Senator
- In office 26 June 1989 – 1 November 1989
- Constituency: Nominated by the Taoiseach

Personal details
- Political party: Fianna Fáil
- Spouse: Pauline Dawson
- Children: 2

= Michael Dawson (businessman) =

Irish entrepreneur and politician

Michael Dawson is a businessman and former politician from County Dublin in Ireland. He is the founder and CEO of Gift Voucher Shop.

== Career ==
Dawson served briefly as a senator in 1989, when he was nominated by the Taoiseach to the 18th Seanad to fill a vacancy after the 1989 general election.

In 2002, he founded he Gift Voucher Shop (GVS), an international company that created the Multi-Retailer Gift Card.

Dawson was one of finalists in the 2007 Ernst & Young Entrepreneur of the Year programme.

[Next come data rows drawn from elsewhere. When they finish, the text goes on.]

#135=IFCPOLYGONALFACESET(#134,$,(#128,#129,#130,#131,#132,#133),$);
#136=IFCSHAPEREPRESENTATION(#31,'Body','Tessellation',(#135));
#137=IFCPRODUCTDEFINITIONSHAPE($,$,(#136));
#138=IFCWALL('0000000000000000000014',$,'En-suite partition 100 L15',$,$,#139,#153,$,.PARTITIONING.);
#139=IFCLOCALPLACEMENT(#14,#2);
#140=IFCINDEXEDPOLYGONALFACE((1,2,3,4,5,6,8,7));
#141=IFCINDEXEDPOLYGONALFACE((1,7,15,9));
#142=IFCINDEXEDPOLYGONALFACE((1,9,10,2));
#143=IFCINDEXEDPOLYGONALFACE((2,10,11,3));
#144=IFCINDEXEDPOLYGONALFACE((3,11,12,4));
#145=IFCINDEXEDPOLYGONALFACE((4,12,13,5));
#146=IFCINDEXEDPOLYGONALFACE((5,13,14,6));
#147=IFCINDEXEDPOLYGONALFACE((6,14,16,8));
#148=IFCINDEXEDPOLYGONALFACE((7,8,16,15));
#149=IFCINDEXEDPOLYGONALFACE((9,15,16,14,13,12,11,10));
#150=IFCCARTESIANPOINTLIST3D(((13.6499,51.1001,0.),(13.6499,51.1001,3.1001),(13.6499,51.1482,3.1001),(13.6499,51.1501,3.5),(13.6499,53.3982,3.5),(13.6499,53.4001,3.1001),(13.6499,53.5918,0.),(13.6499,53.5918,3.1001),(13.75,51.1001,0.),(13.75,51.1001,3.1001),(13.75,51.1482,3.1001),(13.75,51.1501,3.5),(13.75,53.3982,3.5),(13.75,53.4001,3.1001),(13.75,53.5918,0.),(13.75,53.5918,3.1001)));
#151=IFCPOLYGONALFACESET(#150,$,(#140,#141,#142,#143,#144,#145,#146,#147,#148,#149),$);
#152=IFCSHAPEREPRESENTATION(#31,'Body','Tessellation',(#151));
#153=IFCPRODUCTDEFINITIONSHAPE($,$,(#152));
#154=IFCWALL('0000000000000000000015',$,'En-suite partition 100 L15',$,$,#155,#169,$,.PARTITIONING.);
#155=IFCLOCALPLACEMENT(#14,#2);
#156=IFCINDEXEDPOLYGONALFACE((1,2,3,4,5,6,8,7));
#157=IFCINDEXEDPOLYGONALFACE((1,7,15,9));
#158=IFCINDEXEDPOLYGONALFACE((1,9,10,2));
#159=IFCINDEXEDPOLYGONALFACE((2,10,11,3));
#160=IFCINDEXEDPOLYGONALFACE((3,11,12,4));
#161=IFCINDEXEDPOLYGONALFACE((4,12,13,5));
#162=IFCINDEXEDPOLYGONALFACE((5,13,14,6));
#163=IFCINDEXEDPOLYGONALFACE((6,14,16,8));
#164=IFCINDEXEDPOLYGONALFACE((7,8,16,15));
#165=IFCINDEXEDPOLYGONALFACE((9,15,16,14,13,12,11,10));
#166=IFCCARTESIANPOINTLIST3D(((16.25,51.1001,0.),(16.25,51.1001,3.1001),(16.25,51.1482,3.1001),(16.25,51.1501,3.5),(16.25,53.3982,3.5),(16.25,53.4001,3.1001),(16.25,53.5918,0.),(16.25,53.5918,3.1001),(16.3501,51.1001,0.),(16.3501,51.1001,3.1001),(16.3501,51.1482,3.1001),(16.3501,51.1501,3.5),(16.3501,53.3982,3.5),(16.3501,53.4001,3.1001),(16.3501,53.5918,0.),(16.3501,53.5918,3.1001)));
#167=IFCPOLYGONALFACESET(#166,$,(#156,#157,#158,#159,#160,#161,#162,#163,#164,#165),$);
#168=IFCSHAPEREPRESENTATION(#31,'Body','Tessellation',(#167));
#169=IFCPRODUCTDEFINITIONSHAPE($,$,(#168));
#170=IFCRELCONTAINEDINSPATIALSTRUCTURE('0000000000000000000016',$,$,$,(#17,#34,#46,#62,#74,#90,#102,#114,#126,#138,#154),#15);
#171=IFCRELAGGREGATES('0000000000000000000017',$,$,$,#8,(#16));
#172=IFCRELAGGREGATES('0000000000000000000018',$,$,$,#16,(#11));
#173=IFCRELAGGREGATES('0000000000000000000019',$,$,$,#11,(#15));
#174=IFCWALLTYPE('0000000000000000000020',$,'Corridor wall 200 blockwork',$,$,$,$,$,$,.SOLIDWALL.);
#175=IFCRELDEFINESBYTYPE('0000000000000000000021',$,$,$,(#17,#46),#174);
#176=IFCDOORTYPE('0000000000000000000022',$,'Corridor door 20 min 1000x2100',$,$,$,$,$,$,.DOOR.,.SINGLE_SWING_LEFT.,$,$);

In 2010, he was named "Fingal Business Person of the Year" at the Business Excellence Awards 2010.

In November 2018, Dawson sold his share of the Gift Voucher Shop to Fintech Blackhawk Network when the company purchased the One4all gift voucher business.

== Personal life ==
He lives in Malahide, County Dublin. Dawson was married to Pauline and together they had three sons. Pauline died in 2014 from cancer.